I was curious on your thoughts on this kids mountain bike? My budget was hopefully no more than $600 and this seemed to be decent, however I looked at the weight and noticed it's about 28 lbs, and I wasn't sure how that compares to bikes in the range or bikes sub $750.

Here's a link to the example Polygon Relic Evo 24 - https://www.bikesonline.com/2021-polygon-relic-evo-24-inch-mountain-bike


----------



## jaybert (Sep 10, 2020)

*Thoughts on this kids 24" components - Polygon Relic Evo 24*

Seems in line / not particularly impressive. The biggest thing are the coil fork and the mechanical disc brakes. For that price I range I'd pay a bit more to try and get both a air fork and hydraulic disc brakes. The vitus nucleus 24 is $600 (OOS right now) and has both an air fork as well as hydraulic brakes.

Sent from my iPhone using Tapatalk


----------



## greyhatninja (Dec 3, 2020)

How can I easily tell the forks are coil vs. air? Is there something visibly to look for or would I simply have to research the name of each fork listed?


----------



## jaybert (Sep 10, 2020)

greyhatninja said:


> How can I easily tell the forks are coil vs. air? Is there something visibly to look for or would I simply have to research the name of each fork listed?


Usually they'll say if it's an air fork if it's an air fork since they're nicer and a selling point. Otherwise just google the fork. It's either a coil fork or air fork. Coil ones will just be heavy and mostly not adjustable / won't actually do much (not sure if there are high end coil forks that perform well, but def not at this price range / on kids bikes).

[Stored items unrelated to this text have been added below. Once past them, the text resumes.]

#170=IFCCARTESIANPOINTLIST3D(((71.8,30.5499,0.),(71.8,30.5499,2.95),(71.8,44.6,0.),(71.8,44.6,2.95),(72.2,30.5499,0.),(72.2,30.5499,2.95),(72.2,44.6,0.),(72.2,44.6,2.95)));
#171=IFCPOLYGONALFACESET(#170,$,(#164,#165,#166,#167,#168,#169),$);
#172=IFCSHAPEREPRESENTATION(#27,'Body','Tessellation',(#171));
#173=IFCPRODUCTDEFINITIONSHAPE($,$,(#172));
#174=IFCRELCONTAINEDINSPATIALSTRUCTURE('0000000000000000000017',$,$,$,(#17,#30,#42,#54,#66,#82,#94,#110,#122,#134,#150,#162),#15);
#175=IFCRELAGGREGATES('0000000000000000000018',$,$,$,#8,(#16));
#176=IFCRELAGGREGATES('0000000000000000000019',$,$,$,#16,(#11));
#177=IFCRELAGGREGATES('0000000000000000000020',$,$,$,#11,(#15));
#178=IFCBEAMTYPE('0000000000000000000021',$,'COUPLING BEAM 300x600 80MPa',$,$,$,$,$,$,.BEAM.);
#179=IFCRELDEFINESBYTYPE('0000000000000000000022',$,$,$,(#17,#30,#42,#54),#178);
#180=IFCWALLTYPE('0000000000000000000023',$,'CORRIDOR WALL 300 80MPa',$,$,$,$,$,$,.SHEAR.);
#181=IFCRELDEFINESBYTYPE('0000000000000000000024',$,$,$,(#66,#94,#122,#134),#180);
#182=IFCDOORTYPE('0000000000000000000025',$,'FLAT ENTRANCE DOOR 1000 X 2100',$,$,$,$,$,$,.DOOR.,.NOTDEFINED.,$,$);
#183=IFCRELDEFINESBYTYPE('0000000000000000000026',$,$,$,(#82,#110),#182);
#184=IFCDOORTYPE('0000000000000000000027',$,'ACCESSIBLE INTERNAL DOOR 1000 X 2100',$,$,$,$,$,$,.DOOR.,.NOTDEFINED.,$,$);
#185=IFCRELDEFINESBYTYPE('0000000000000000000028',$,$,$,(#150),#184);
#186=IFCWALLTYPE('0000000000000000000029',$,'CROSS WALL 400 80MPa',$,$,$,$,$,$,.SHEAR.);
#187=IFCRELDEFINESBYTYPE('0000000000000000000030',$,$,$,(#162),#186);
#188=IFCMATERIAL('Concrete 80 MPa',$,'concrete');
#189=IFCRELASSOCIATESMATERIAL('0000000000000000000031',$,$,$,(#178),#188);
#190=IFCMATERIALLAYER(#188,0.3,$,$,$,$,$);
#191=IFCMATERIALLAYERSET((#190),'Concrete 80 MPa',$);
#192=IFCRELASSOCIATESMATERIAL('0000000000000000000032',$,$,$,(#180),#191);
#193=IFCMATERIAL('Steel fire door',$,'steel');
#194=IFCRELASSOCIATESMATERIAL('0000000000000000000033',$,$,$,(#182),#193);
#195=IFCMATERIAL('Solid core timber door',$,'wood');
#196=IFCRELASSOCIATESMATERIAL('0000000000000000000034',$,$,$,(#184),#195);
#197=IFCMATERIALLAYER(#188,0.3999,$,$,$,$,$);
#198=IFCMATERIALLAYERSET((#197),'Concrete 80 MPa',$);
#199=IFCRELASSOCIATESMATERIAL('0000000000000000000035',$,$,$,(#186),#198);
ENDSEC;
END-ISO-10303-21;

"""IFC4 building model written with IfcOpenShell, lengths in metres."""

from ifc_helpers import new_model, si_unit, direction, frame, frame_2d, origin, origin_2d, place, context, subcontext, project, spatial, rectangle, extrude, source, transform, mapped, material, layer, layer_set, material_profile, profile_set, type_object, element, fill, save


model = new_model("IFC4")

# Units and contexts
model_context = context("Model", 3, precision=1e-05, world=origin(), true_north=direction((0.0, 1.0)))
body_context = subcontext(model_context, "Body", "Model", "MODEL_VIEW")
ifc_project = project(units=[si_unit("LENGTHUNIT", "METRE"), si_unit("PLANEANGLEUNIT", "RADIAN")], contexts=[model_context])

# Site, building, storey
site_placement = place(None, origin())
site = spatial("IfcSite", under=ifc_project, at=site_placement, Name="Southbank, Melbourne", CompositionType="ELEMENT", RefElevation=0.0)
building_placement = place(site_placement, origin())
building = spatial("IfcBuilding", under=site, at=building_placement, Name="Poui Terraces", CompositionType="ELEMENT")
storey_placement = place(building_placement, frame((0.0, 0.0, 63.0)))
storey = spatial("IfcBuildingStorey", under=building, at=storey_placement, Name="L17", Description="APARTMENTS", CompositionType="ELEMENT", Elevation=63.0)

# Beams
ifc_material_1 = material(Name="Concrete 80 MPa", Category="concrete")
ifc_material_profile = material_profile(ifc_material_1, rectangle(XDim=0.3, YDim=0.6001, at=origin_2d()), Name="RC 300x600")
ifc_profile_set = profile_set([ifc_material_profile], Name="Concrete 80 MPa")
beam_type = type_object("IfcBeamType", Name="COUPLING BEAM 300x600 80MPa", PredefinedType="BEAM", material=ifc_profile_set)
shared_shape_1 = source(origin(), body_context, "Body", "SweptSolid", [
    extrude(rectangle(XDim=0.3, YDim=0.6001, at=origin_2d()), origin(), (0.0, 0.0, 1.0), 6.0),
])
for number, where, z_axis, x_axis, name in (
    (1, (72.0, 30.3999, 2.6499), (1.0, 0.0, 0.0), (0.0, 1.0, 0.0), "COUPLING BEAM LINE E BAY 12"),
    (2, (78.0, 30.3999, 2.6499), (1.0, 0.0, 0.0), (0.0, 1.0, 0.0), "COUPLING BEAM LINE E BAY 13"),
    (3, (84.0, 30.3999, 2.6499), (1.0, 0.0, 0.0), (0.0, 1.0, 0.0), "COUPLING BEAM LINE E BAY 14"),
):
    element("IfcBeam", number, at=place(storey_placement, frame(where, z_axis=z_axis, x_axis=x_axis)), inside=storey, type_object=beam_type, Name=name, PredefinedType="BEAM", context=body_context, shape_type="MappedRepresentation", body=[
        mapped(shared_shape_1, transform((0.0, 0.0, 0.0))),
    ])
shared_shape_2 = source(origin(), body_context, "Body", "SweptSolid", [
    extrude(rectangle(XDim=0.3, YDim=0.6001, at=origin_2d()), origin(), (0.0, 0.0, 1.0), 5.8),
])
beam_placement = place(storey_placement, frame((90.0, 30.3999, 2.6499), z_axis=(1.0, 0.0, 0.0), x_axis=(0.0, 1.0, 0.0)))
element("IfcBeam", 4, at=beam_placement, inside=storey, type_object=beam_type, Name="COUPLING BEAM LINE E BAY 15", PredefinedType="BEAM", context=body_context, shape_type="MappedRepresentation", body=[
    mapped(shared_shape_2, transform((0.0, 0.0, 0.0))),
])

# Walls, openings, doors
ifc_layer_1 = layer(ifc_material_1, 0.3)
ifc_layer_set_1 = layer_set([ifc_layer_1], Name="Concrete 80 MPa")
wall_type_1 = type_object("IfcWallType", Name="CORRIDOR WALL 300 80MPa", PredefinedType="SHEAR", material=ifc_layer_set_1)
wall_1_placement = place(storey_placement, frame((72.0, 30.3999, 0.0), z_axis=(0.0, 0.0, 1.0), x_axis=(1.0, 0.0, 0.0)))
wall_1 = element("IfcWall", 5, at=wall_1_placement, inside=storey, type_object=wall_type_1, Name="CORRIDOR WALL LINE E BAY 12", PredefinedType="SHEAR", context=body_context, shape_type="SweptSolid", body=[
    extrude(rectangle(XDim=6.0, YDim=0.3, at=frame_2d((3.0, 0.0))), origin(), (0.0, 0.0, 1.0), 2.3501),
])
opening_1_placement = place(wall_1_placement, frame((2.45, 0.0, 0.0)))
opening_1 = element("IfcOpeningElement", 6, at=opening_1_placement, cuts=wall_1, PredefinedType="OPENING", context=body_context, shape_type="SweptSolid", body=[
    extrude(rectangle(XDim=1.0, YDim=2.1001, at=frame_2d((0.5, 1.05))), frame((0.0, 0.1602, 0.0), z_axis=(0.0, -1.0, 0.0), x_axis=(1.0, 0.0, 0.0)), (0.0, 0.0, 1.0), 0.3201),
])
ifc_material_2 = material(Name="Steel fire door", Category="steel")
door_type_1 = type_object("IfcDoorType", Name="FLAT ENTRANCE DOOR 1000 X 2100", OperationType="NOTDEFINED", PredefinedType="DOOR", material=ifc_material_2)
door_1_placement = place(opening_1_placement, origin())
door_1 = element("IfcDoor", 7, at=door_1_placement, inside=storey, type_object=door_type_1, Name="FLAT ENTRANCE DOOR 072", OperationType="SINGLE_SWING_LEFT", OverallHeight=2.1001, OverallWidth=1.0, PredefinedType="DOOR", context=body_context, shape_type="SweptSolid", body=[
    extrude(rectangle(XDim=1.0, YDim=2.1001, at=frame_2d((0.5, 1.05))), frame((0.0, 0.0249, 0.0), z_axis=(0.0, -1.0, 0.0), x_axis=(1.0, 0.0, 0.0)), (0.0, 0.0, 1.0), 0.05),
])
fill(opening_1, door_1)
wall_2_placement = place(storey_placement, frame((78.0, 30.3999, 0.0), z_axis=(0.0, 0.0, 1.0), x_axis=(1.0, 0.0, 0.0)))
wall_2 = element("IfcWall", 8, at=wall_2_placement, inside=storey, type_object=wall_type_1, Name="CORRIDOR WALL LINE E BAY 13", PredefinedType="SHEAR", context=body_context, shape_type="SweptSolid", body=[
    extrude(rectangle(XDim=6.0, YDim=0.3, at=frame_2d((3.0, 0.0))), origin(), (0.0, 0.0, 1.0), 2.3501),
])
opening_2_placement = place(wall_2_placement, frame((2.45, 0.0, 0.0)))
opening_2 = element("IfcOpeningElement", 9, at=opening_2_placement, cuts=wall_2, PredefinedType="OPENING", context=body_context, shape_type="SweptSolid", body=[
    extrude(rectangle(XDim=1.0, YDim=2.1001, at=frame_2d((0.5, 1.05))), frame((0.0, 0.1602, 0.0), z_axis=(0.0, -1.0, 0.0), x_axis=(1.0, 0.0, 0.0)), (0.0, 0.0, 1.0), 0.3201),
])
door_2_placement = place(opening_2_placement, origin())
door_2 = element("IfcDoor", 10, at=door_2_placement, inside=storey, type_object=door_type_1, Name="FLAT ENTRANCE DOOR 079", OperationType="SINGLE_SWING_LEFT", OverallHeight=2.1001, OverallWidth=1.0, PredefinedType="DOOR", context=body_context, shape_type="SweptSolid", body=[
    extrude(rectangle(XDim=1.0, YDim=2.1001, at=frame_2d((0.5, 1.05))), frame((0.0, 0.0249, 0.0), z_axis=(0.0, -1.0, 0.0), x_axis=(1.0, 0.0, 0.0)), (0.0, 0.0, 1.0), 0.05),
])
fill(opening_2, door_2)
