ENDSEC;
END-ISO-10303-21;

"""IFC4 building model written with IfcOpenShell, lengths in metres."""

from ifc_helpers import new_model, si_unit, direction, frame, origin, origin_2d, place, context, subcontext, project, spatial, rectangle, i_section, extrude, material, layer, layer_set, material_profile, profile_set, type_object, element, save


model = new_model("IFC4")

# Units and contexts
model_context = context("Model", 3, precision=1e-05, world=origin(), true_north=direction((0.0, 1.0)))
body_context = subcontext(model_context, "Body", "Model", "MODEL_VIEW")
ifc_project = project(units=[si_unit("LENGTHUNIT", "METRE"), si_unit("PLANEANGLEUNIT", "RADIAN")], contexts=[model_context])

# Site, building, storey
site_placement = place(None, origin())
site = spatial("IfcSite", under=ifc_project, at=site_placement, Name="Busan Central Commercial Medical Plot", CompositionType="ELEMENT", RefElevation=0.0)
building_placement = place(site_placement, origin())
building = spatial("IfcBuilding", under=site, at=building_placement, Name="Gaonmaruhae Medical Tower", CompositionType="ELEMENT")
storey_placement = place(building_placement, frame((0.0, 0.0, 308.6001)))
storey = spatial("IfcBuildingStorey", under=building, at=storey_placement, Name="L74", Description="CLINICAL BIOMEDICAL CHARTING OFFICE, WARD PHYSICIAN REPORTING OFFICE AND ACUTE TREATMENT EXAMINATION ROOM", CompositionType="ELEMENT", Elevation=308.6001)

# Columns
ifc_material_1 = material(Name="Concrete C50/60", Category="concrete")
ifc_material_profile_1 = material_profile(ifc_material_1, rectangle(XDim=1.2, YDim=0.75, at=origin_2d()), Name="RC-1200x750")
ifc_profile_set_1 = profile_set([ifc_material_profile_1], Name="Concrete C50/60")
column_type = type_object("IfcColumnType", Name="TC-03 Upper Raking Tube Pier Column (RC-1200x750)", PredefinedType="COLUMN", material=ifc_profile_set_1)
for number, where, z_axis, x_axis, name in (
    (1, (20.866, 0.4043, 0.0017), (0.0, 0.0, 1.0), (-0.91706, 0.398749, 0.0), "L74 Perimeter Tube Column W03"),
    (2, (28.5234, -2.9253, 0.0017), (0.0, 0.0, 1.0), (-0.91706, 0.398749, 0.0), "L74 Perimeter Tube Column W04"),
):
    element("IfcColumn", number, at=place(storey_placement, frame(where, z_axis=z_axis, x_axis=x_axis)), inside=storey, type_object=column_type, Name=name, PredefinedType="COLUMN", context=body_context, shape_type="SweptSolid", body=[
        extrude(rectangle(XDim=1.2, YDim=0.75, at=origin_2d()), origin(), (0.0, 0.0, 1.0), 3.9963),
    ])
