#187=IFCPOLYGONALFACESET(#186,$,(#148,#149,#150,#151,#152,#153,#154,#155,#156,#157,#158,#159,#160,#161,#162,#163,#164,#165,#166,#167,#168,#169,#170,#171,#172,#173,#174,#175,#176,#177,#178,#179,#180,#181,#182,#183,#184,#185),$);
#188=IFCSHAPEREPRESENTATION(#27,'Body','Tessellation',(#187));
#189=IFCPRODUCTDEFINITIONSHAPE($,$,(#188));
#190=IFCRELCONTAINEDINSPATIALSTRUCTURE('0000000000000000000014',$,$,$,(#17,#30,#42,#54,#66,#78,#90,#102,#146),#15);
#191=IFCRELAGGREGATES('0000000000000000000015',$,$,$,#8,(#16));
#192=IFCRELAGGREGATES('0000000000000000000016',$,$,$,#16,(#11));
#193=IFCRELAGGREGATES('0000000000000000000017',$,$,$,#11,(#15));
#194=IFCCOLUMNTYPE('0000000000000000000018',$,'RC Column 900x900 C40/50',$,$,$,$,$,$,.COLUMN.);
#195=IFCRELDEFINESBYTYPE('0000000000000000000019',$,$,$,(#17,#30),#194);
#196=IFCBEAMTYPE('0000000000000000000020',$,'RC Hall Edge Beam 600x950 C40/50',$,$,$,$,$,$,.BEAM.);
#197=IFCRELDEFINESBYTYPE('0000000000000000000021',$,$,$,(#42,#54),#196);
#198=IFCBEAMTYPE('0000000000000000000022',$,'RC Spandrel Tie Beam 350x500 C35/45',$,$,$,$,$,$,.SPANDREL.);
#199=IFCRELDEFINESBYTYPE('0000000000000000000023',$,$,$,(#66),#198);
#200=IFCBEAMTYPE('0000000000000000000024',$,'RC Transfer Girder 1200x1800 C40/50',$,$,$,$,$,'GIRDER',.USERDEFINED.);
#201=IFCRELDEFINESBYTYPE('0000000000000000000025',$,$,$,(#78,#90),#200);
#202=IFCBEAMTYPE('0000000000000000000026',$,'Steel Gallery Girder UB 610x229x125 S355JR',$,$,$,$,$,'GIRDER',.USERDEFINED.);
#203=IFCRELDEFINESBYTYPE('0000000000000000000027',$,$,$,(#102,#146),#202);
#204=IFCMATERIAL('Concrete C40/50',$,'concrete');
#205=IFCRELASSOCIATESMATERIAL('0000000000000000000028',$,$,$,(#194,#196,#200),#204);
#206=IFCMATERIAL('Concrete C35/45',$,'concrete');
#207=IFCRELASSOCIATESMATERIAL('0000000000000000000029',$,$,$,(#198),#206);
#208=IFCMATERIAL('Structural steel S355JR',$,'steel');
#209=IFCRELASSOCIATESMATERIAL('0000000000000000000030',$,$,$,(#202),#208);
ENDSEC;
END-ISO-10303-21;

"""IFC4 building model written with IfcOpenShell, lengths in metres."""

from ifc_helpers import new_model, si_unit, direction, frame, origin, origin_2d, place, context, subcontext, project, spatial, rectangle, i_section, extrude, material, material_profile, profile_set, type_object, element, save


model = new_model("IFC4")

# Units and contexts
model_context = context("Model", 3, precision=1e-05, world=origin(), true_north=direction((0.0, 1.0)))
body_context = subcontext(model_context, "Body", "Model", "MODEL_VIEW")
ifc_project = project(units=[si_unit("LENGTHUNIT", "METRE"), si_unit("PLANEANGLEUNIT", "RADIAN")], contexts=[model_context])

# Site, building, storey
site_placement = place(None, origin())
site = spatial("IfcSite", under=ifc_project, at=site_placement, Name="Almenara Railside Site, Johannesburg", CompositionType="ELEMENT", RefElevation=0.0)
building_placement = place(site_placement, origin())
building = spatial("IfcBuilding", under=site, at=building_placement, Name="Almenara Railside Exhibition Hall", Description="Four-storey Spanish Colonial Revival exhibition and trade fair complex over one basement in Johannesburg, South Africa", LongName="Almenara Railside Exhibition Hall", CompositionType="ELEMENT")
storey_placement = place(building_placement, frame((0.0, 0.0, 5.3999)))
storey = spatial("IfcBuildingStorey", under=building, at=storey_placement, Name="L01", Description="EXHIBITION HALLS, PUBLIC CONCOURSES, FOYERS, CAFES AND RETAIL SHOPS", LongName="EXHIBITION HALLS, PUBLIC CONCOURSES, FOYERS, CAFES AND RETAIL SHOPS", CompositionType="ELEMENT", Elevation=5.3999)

Sent from my iPhone using Tapatalk


----------



## svinyard (Aug 14, 2017)

There are only a few non-junky hardtails out there. For the decent stuff, its the Vitus at around 560+$ which is always out of stock fast and then a few others at around 750$ (Rocky Mtn Vertex, Norco Charger...a couple of others perhaps?). Then at 880$ is the XC Woom Off Air which is nice. Perhaps Early Rider too...tho they are spendy for what you get. Then you jump up to Spawn/Prevelo/NukeProof/Commencal etc at around 1k+-. The Prevelo has the best geo out of the bunch and nice components...tho the Nukeproof/Commencal bikes have a significantly better Manitou JUnit fork (the Prevelo/Spawn's isn't bad at all by anymeans). TrailCraft makes a nice bike as well, but getting spendy and for that extra cash you still don't get the Gucci Manitou JUnit fork, which is kind of a bummer at that cost point.


----------



## eatdrinkride (Jun 15, 2005)

I've got a 24-in trailcraft pineridge that my son is quickly outgrowing. It's barely 21 lbs.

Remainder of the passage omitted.